Posted on November 2, 2023 in Health Delivery System

Source: — Authors: – Opinion/Contributors
November 2, 2023.   By Michael Rachlis, Contributor

How could more doctors make access worse? The answer, most physicians’ practices are very inefficient.

Millions of Canadians report they do not have a family doctor or a source of primary health care. Even if they do, millions still go to ERs for problems that could be handled in an office setting. And yet Canada is producing more doctors than ever. What’s wrong with this picture?

According to the Canadian Institute for Health Information’s (CIHI) annual physician report released on Oct. 26, Canada has more doctors than ever. There were almost 2,000 more doctors in Canada in 2022. The number of doctors per capita went up by 1 per cent.

COVID-19 temporarily blunted physician growth. But, from 2009 to 2019, the number of Canadian physicians grew at an annual rate almost three times that of population growth.

Now we are back on track for record increases in physicians. Provincial governments are increasing medical school enrolments and licensing ever more foreign medical graduates. Even with brisk population growth, Canada will license new physicians at a higher rate than general population growth for the foreseeable future.Fullscreen

Yet, Canadians have worse access after more than a decade of record physician growth. How could more doctors make access worse? The answer, most physicians’ practices are very inefficient. Up to 50 to 70 per cent of family doctor visits could be performed as well or better by another practitioner. And doctors spend hours a week on administration.

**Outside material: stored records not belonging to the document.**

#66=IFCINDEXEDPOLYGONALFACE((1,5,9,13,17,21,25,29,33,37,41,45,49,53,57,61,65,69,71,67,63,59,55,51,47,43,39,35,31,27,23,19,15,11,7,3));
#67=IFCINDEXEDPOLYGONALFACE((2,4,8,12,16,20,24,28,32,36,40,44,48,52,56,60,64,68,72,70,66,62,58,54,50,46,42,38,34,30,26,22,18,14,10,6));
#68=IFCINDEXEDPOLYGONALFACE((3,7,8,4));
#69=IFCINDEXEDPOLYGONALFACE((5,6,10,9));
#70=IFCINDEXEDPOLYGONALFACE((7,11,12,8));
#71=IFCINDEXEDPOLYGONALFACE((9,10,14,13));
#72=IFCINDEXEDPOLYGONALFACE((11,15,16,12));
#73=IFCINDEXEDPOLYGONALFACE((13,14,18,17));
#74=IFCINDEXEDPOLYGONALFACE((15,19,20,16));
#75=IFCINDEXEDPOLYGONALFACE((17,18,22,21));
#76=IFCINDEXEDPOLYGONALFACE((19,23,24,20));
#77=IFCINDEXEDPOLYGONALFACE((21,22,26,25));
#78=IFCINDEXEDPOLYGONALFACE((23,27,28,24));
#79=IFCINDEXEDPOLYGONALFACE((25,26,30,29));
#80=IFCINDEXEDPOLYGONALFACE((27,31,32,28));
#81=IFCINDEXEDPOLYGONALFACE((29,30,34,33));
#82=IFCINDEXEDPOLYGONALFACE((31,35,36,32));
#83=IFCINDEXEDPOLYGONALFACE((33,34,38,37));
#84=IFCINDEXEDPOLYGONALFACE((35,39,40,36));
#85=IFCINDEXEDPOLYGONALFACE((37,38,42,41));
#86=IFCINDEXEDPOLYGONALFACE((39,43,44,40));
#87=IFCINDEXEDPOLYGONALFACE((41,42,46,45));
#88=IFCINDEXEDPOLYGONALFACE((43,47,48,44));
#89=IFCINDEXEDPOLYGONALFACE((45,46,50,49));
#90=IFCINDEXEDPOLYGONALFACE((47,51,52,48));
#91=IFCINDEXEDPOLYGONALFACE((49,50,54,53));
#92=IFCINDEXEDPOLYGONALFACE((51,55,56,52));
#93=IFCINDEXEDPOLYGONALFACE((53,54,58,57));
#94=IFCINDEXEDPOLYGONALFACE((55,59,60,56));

Family doctors in training draw salaries and benefits, and work with other providers. After graduation, they find few such models of practice. Their team may just include a receptionist. And they’re mainly paid by fees for each item service — i.e., piecework. Hence the ubiquitous waiting room signs warning patients, “One visit, one problem!”

It is impossible to provide comprehensive care in such a setting. So most new doctors don’t. New family doctors instead cobble together an income from walk-in clinics, ERs shifts, and other casual work.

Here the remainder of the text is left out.